Acquiring discovery field P.198 at UK Continental Shelf

Hibiscus entered into conditional SPA with Caldera Petroleum (target completion: 16 Oct 2018) to purchase 50% operating working interest in two production blocks within the UK Continental Shelf Petroleum Production Licence P.198 for US$37.5m.

Fair price, we think

Both blocks, 15/13a and 15/13b, has a combined 2C oil resources of 30 MMstb, implying acquisition cost of US$1.25/boe. We think this is reasonable for a greenfield asset. Furthermore, as seen with Hibiscus’ ownership with Anasuria, regulatory risk is low under the UK Oil and Gas Authority (UK OGA) which have proper legal framework.

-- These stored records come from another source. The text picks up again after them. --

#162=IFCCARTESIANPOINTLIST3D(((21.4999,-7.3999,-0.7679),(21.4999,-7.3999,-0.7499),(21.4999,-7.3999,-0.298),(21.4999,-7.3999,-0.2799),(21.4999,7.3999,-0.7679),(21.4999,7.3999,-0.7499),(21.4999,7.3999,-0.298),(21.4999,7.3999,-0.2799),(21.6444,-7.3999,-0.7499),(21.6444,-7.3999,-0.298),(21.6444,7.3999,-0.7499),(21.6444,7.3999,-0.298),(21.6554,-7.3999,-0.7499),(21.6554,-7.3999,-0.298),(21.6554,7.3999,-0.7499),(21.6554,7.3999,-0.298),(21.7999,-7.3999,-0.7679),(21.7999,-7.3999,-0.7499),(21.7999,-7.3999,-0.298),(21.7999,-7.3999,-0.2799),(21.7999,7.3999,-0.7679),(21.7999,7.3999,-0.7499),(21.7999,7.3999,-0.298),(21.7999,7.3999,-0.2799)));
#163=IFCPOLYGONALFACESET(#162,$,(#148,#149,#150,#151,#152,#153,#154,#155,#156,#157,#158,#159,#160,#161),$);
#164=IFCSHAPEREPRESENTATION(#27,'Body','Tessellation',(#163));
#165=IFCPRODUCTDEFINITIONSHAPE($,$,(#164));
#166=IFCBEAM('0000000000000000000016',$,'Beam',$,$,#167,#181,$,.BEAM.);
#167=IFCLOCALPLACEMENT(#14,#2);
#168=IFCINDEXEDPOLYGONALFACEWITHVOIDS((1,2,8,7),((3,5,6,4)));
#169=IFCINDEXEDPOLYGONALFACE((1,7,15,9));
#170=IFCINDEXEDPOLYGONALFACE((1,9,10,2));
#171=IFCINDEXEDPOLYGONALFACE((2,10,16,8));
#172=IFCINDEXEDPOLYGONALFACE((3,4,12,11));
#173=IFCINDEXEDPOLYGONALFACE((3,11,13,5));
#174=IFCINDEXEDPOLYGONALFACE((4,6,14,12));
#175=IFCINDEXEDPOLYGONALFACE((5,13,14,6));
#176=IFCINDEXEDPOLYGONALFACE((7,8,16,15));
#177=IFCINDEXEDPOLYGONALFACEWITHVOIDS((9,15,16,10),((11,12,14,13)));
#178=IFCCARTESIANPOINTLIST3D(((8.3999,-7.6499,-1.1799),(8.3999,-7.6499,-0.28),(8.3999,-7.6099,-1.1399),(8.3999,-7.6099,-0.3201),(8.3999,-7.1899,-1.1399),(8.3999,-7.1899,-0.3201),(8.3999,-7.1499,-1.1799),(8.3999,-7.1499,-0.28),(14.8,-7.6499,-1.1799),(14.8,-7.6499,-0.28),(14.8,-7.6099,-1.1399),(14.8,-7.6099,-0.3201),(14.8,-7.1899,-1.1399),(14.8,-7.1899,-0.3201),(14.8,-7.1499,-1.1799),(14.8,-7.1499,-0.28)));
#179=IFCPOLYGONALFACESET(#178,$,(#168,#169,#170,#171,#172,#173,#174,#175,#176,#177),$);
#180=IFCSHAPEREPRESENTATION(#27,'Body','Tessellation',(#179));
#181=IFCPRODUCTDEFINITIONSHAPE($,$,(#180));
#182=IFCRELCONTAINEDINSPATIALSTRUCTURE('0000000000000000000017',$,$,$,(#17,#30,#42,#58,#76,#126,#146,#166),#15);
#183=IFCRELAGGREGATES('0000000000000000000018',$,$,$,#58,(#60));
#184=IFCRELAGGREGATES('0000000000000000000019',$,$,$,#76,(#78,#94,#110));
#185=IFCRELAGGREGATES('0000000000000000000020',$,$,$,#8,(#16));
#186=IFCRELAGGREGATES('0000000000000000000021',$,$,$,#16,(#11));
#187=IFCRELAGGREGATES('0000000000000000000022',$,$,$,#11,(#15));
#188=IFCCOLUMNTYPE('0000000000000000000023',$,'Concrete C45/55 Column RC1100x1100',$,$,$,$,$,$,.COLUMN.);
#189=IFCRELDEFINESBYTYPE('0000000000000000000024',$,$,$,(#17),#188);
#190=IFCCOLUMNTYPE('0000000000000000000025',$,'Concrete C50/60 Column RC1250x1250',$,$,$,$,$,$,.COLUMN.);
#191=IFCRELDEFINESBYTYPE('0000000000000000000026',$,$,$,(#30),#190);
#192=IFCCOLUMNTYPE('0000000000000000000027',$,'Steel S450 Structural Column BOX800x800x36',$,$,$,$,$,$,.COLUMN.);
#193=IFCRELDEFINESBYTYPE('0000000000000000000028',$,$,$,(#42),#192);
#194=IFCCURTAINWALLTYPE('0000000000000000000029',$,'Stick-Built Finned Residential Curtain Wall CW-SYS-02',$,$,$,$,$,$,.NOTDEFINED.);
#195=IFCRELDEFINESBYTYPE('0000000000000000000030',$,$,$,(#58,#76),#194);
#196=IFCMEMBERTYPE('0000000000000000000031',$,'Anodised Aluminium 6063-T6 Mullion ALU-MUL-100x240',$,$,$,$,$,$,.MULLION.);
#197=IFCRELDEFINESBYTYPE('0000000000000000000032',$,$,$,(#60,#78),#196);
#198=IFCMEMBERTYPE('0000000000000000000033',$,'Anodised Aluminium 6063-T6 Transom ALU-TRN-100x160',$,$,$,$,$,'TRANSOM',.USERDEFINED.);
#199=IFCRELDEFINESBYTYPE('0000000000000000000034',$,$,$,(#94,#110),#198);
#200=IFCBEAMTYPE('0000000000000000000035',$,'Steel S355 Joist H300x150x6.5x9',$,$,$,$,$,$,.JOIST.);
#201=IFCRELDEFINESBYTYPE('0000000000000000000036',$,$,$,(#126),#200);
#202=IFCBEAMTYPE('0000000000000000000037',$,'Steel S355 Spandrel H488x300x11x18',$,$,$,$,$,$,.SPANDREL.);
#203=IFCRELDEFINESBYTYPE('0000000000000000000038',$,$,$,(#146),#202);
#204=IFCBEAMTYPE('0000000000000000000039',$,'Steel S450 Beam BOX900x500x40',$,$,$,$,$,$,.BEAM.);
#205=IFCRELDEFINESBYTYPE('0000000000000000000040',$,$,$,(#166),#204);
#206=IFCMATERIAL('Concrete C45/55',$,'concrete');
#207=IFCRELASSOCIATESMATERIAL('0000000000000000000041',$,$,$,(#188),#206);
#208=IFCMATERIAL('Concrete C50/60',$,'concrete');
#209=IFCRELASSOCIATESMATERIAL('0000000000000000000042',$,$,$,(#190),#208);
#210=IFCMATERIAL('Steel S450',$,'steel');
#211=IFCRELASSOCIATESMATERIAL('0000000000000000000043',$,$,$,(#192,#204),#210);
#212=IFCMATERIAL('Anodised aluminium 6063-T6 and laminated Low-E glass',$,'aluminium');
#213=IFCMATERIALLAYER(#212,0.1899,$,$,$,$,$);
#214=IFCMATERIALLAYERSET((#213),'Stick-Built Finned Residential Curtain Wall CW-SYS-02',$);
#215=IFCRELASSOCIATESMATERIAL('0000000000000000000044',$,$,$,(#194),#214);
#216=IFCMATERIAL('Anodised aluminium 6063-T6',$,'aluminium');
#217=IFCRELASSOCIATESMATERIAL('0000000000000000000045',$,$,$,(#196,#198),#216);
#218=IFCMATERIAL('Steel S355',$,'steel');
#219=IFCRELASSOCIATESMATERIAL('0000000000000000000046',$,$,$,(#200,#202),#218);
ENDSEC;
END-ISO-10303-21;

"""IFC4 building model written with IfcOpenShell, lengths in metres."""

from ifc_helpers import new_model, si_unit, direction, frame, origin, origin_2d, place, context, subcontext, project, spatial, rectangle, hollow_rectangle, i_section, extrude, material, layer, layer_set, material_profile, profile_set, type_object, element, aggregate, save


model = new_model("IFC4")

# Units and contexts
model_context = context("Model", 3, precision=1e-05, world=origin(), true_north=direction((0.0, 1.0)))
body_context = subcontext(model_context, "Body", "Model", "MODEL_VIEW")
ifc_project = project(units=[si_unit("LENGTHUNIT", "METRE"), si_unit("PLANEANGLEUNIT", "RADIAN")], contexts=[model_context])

Shall boost 2P reserves to 76MMbbls

Management guided that the entire 30MMstb of 2C resources could be converted to 2P reserves once the field development plan (FDP) is approved by UK OGA. This raises Hibiscus’ 2P reserves to 76MMbbls. The P.198 field would be Hibiscus’ second greenfield asset after West Seahorse, Australia but its first greenfield development project. While execution risk would be imminent, success of this field development would prove Hibiscus’ credibility as a global E&P player.

P.198 factored in from FY23F

We have factored in P.198 contribution in our forecasts from FY23F onwards based on our expectations of FID being achieved by FY21F.

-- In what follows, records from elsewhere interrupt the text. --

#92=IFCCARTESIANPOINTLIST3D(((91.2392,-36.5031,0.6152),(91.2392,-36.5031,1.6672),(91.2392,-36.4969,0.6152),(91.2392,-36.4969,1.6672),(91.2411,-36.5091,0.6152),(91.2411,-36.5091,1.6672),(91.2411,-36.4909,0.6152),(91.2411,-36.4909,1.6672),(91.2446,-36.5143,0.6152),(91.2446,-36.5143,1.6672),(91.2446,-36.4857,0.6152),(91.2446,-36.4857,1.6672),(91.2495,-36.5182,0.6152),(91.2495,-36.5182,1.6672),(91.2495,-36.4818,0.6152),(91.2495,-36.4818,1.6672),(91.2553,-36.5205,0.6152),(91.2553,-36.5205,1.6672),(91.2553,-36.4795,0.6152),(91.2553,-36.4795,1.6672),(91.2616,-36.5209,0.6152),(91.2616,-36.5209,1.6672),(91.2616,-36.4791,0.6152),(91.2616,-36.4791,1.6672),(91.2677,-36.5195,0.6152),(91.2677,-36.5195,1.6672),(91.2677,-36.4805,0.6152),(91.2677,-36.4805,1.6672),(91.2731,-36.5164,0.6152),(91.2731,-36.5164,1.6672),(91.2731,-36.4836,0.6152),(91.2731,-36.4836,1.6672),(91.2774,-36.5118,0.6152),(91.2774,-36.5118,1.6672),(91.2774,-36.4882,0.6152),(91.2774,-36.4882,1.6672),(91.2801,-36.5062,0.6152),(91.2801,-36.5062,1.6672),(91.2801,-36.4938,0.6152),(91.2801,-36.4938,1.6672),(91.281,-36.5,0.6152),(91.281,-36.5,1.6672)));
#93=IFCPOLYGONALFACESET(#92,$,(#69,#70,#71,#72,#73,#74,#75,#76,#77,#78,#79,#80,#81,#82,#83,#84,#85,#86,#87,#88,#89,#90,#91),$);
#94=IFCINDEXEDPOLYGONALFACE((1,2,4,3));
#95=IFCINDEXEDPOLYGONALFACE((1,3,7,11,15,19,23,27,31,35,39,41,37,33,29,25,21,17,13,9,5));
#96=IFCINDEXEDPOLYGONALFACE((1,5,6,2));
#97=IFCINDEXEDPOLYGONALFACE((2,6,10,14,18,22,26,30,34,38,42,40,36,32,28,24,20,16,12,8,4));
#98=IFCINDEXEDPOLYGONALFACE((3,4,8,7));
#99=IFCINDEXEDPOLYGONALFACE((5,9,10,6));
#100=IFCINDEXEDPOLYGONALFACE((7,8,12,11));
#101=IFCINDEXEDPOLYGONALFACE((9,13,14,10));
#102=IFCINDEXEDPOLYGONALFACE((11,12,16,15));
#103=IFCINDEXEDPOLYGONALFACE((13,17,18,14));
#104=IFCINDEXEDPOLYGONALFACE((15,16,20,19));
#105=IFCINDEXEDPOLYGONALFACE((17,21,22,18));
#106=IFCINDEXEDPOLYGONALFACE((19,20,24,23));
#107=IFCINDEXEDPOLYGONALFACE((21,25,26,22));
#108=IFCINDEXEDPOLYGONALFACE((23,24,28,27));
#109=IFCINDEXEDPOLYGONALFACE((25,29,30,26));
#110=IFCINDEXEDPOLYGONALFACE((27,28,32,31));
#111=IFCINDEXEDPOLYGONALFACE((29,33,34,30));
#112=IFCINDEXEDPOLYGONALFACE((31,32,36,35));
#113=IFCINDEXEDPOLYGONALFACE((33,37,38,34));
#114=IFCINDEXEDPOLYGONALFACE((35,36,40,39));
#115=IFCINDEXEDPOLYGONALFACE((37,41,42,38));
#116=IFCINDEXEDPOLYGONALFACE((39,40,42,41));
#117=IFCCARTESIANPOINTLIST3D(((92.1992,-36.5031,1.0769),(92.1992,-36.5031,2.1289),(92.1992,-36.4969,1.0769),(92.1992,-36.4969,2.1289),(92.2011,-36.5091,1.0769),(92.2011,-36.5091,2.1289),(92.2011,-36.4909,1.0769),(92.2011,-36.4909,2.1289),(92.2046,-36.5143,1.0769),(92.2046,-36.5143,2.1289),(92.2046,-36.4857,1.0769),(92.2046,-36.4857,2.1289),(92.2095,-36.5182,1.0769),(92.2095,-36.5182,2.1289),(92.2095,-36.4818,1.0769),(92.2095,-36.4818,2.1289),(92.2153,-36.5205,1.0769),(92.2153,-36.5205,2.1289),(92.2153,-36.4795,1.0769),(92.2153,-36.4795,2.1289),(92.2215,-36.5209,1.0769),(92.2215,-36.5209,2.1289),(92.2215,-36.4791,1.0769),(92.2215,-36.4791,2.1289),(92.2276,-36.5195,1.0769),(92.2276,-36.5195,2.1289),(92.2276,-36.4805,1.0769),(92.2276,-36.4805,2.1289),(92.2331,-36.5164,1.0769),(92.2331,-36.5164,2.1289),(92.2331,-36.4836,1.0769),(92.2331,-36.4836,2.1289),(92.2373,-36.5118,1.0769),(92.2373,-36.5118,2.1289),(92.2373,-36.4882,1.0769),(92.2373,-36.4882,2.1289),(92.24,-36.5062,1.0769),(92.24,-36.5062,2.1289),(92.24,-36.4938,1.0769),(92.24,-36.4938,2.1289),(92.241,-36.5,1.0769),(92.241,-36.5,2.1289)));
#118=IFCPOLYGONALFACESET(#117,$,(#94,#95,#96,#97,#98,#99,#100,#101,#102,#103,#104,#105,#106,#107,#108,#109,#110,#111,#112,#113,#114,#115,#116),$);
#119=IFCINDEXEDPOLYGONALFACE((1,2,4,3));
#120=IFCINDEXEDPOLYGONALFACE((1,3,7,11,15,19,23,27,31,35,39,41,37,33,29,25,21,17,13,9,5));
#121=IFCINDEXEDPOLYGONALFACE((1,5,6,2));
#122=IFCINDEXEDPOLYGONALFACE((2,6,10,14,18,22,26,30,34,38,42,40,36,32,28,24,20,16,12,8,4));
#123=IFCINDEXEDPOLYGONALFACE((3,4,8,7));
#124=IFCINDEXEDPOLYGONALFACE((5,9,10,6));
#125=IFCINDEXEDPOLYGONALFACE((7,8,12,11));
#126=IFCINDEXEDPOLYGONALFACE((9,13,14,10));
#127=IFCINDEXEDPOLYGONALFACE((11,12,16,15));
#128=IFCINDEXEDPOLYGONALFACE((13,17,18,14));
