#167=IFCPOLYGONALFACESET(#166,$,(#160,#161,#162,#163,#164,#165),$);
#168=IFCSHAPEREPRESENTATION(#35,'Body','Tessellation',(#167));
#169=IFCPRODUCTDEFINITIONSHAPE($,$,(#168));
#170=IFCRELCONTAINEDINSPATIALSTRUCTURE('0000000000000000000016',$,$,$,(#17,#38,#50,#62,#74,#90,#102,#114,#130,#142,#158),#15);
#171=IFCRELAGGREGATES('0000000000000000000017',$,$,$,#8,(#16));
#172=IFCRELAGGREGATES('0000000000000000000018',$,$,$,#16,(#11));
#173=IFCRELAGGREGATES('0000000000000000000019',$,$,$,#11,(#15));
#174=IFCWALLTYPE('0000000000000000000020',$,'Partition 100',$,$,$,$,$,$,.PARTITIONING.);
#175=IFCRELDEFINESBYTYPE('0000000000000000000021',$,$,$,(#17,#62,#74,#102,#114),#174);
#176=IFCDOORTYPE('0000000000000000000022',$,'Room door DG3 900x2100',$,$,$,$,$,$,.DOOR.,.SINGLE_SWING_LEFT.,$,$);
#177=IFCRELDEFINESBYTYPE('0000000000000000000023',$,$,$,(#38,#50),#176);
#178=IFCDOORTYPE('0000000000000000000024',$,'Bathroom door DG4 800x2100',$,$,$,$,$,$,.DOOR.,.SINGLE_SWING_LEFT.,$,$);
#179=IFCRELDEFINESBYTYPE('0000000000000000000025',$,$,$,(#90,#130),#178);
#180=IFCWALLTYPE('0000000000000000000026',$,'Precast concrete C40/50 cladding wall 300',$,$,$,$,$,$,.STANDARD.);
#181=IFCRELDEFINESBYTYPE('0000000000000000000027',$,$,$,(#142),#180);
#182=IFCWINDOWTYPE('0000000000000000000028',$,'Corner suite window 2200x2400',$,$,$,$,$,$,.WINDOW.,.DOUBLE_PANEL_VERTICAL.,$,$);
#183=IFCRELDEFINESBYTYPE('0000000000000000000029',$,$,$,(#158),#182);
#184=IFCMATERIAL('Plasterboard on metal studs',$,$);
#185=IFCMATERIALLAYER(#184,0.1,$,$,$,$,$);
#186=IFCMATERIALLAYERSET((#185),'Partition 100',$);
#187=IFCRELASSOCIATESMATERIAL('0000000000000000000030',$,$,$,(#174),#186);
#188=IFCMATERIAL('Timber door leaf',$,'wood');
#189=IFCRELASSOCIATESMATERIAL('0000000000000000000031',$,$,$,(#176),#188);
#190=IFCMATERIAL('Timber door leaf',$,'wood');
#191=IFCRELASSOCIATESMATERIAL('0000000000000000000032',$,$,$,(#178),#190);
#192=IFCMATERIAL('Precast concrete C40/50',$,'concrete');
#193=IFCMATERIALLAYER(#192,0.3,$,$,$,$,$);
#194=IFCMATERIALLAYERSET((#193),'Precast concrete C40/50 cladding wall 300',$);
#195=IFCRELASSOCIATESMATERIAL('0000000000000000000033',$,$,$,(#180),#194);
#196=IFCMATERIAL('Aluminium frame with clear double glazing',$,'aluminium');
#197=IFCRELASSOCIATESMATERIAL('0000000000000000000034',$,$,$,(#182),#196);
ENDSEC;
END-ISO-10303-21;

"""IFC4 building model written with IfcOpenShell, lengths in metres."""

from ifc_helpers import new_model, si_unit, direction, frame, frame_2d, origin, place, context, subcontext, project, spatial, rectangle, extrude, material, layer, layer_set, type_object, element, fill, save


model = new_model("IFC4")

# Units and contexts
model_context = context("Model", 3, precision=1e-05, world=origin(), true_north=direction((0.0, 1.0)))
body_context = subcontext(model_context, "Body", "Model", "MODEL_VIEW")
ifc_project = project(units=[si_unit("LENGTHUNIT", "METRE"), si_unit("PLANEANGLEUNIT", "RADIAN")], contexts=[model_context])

Retain BUY with higher TP at RM1.60

Maintain BUY with a higher DCF-derived TP of RM1.60 (from RM1.35) as we account for P.198 contribution. Our finite DCF assumes WACC of 9% (Table 6). We believe the TP upgrade is justified as we see the company is capable of undertaking the field development in view of Hibiscus’ experienced management team, low regulatory risk from UK OGA and gearing opportunities with zero-gearing level.